Regarding criticism, when girls fail, they blame their lack of ability. "Girls seem to let failure permeate within; they blame themselves, while boys let it roll off their backs." (Chapter 4) YES!

Affirm your child's emotions. Really listen to her. "Helping a girl accept her feelings is thus an essential part of raising a strong girl. A parent's impact is powerful in this area."
"Give your daughter the permission and support to have the emotional experience itself. If you challenge, deny, or ignore her emotions, you may communicate that her feelings are unacceptable. Empathy is an important opportunity to validate a girl's emerging sense of self." (Chapter 7)

Resist assumption making. "Assumptions are Good Girl maneuvers that give girls a way around the tough questions that could lead to conflict... they are symptoms of passivity in relationship, enabling girls to conduct their relationships in their heads." (Chapter 8) Instead, encourage your daughter to wonder about another person's behavior, be patient to come to an answer through observation, or ask directly why he/she did something.

When your daughter is upset, rolling her eyes, slamming doors and you ask her, "What's wrong?" you are rewarding indirect behavior.

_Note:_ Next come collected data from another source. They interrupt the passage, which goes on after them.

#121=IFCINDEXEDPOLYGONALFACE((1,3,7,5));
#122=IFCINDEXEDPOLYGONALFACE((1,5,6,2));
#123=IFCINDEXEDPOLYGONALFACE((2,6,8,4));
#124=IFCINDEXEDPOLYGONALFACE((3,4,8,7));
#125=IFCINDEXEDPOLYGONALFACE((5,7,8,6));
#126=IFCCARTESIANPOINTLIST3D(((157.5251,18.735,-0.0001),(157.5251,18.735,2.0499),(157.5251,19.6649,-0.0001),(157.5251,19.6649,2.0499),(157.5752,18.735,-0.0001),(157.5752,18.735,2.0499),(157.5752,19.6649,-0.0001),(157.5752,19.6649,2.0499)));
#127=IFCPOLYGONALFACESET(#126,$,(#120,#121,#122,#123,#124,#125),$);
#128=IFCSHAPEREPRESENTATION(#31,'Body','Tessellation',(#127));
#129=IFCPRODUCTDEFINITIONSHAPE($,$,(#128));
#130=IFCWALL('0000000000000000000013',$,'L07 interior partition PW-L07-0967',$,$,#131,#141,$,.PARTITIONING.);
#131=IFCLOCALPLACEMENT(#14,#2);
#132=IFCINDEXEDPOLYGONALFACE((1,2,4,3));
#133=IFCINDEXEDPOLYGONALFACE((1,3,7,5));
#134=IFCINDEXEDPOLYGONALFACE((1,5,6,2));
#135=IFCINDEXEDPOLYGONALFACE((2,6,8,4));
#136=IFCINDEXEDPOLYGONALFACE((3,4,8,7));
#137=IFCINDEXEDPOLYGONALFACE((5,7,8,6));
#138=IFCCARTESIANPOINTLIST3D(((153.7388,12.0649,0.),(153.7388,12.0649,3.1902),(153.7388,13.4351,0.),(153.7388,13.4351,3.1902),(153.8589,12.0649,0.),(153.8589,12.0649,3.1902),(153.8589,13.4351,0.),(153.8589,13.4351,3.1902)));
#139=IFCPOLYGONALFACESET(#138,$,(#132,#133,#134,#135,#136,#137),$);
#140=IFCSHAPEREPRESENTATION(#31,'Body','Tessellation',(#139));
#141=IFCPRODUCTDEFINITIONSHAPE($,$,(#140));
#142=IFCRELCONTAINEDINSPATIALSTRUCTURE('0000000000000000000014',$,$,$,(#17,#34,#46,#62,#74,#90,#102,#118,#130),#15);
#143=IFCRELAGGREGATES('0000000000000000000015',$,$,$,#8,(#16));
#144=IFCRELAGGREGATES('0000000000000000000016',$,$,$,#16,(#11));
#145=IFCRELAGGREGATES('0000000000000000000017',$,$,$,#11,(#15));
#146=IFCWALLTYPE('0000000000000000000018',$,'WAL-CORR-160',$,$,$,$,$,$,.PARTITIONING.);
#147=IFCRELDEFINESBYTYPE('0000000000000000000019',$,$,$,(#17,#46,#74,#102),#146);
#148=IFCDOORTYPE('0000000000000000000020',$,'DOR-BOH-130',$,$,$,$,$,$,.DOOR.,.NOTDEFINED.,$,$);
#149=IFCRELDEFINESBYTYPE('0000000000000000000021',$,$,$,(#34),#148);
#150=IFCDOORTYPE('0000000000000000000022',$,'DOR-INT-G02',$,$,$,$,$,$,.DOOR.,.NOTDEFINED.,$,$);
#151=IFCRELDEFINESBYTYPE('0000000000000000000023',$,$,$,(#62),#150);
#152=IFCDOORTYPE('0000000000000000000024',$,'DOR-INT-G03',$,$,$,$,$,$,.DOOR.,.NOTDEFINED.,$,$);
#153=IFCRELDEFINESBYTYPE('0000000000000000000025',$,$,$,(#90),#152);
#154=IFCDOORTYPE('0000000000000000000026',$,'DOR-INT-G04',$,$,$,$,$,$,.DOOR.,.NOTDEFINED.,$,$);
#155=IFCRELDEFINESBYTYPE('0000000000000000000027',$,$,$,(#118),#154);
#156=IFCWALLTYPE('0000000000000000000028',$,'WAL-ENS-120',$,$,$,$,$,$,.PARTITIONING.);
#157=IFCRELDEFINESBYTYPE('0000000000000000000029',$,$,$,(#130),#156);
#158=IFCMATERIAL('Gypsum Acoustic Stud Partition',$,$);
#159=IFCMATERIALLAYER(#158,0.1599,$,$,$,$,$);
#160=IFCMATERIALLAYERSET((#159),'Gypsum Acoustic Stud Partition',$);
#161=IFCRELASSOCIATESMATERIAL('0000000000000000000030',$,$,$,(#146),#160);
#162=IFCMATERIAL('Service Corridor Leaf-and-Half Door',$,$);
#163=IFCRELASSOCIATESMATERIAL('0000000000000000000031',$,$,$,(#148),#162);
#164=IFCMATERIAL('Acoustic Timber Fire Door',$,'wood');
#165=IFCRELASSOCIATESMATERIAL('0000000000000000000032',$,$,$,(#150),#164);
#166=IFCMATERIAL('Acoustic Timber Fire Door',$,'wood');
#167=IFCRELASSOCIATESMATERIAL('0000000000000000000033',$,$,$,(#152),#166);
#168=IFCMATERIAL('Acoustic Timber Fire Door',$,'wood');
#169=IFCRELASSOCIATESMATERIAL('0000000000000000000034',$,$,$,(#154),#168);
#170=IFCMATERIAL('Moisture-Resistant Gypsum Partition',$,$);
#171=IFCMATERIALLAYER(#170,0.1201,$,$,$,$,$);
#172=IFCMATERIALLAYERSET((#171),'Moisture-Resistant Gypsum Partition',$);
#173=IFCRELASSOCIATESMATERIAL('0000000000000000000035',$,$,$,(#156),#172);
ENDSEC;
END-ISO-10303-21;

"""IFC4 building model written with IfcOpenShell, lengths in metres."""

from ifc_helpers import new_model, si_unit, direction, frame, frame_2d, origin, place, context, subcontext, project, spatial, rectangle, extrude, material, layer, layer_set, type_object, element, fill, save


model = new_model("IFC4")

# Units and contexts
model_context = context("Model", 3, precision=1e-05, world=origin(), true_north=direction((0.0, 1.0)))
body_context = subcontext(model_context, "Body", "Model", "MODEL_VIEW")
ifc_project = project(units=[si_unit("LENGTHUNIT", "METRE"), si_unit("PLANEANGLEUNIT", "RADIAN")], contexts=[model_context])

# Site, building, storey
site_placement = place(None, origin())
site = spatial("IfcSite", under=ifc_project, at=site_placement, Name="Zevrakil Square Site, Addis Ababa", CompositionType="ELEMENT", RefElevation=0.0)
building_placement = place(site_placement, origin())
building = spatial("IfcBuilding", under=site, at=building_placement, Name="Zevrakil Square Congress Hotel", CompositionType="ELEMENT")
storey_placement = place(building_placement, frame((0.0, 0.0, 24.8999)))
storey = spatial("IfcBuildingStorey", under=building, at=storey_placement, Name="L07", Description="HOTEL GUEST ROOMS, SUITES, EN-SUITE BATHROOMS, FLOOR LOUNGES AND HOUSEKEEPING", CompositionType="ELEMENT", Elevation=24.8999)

Instead say, "Is there something you are trying to tell me. I'd really appreciate you being direct with me." (Chapter 8)

"Girls lack of practice with direct conflict leads them to minimize, deny, or become overwhelmed when confronted.... What they learn in their relationships often becomes the template for their public or professional habits." (Chapter 9) Totally agree with this.

To get through conflict, propose a tool called contribution. "How did we each make this situation bigger or worse? Contribution works on the assumption that both parties could have done something better.
The after-conflict is just as important as the conflict.
"Do not use "I'm sorry" to repair relationships, avoid conflict, or salvage a reputation (get people to like me)."
Focus on working through conflict -- the process - rather than the end result.

Lastly, the last section/chapter:
"Despite every door that has opened, girls continue to grapple with confusing, conflicting messages about personal authority: be successful but say nothing about it, or about yourself; be strong but don't make anyone angry; and be confident, but do it quietly."
"Our focus must change from the glass ceiling of an industry, like business, to the individual glass ceilings that the curse erects in the souls of millions of girls." I could not agree more.

It's not a surprise to me at all why more women are not in leadership positions in the business world. I've often wondered this when I was working but I've never thought it is because men don't want them there. This book explains so well things girls/women need to work on. Highly recommend.